Filmklub im SLZ am 15.12.2018 // Das weiße Band

Draußen ist es kalt, es schneit und friert immer wieder, wir sind mitten im Winter, Weihnachten und das neue Jahr nahen – wie gemütlich ist es da, am Wochenende gemeinsam Filme zu schauen!

Der nächste Filmklub findet am Samstag, den 15.12.2018, von 14 bis 17 Uhr im SLZ statt. Gezeigt wird der Spielfilm “Das weiße Band” von Michael Haneke aus dem Jahre 2009. Der Film wurde für mehr als 70 Filmpreise nominiert, von denen er mehr als 40 gewann (unter anderem die Goldene Palme der Internationalen Filmfestspiele von Cannes und den Golden Globe Award).

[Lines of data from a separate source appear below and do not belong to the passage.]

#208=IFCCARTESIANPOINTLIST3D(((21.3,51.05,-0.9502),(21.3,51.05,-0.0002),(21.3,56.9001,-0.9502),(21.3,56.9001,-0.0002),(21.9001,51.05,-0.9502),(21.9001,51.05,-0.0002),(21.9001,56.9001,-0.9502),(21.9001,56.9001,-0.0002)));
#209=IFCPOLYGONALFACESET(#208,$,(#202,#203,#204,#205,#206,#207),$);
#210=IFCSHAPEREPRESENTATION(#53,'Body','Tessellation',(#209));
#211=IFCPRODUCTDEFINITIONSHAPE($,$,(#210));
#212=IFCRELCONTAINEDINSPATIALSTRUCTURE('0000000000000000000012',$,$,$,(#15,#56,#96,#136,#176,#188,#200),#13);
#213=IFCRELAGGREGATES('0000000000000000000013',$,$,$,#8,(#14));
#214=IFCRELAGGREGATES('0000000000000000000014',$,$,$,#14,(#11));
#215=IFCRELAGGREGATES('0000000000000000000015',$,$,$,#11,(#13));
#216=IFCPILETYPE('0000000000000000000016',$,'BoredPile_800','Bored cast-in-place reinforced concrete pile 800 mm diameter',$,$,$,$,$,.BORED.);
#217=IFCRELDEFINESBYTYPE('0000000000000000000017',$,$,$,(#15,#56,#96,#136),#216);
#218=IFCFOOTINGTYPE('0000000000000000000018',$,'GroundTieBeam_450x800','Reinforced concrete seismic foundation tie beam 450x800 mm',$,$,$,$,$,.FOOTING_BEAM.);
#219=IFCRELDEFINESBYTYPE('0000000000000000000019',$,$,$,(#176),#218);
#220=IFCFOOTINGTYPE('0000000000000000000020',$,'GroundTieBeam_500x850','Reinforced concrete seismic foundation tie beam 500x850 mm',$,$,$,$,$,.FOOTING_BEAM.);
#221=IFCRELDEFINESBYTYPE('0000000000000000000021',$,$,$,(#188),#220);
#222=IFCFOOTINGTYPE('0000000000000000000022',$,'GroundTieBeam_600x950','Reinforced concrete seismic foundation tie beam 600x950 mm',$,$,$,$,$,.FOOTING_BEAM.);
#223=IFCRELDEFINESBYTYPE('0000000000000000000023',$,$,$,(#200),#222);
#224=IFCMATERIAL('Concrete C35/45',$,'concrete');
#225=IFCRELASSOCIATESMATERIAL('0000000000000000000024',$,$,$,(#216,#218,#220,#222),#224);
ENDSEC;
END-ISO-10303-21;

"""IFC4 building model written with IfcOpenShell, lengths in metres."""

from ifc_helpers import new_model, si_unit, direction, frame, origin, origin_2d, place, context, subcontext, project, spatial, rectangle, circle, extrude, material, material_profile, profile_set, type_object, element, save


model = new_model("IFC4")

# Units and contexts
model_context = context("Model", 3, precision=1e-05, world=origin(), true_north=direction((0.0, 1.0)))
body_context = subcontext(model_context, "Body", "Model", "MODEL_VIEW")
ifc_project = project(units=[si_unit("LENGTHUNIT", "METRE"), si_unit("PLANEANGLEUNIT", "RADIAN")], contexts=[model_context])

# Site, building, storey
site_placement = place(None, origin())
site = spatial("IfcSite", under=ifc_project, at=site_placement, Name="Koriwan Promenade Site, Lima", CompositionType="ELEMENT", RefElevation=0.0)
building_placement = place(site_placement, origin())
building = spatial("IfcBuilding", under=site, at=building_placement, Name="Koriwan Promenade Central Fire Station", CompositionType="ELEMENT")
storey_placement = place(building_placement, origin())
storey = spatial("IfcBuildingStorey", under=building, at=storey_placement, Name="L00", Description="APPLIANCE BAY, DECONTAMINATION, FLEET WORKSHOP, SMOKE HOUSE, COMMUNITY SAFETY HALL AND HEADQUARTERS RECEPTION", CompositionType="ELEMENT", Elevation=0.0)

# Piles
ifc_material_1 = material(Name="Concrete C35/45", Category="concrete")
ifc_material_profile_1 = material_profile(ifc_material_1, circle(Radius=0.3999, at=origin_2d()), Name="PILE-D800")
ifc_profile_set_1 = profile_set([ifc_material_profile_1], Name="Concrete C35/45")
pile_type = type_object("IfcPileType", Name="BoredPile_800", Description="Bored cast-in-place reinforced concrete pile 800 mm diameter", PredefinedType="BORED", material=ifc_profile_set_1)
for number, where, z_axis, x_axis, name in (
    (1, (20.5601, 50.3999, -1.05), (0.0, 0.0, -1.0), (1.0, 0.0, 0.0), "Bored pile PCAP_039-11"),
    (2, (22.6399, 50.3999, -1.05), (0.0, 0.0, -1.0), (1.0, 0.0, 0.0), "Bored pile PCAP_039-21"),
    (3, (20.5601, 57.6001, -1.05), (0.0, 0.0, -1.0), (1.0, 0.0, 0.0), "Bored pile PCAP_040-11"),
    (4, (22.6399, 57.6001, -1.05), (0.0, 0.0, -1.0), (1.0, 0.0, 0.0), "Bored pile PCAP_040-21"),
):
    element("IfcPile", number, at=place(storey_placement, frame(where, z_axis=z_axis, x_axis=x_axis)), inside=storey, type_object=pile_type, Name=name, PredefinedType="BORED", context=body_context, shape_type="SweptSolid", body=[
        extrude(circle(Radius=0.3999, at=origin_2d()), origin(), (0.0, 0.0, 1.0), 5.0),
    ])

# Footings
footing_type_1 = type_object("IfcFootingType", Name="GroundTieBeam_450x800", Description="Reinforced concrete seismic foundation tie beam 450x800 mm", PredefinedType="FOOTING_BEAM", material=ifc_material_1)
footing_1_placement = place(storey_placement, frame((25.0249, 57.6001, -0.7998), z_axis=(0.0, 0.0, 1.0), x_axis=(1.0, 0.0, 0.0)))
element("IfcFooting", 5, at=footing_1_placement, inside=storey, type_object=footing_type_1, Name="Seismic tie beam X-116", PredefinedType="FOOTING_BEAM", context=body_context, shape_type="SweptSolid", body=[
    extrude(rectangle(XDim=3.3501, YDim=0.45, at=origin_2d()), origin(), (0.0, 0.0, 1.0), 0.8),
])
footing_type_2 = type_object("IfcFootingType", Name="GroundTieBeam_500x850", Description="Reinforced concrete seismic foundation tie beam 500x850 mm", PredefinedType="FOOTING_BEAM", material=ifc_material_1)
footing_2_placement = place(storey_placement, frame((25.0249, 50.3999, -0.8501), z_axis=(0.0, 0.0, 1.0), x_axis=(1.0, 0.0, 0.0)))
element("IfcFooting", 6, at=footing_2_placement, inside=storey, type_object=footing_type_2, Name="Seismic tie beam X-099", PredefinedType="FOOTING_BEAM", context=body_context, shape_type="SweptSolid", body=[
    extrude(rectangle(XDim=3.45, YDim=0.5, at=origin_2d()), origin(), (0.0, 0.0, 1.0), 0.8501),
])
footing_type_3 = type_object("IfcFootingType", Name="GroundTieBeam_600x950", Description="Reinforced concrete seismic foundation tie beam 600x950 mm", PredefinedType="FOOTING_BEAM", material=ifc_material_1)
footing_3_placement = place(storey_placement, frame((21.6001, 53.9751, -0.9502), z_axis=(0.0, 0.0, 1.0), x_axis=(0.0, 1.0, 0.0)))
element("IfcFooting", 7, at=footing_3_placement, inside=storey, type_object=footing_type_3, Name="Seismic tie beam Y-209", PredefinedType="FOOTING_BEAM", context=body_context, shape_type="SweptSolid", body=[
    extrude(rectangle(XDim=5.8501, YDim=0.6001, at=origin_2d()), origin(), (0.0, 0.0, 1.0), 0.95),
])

Der Film spielt 1913 in Norddeutschland – ein Jahr vor Ausbruch des Ersten Weltkrieges. Im Zentrum des Geschehens steht das fiktive Dorf Eichwald in Norddeutland, östlich von der Elbe. Erzählt wird die Geschichte retrospektiv vom Lehrer des Dorfes. Wir bekommen einen Einblick in den Alltag der Dorfgemeinschaft: Pastor, Arzt und Lehrer treten als handlungstragende Personen auf, ebenso die Baronsfamilie. Nacheinander ereignen sich merkwürdige Unfälle in dem kleinen Dorf, für die niemand eine Erklärung findet.

Und er erzählt nicht nur eine Geschichte, zeigt nicht nur Bilder eines vergangenen Jahrhunderts – Hanekes “Das weiße Band” taucht das Publikum ein in eine bedrückende, triste Atmosphäre und hartes soziales Klima – ein optimaler Nährboden für die Ausbildung des sogenannten autoritären Charakters: sadistisches Verhalten in Folge einer repressiven Erziehung.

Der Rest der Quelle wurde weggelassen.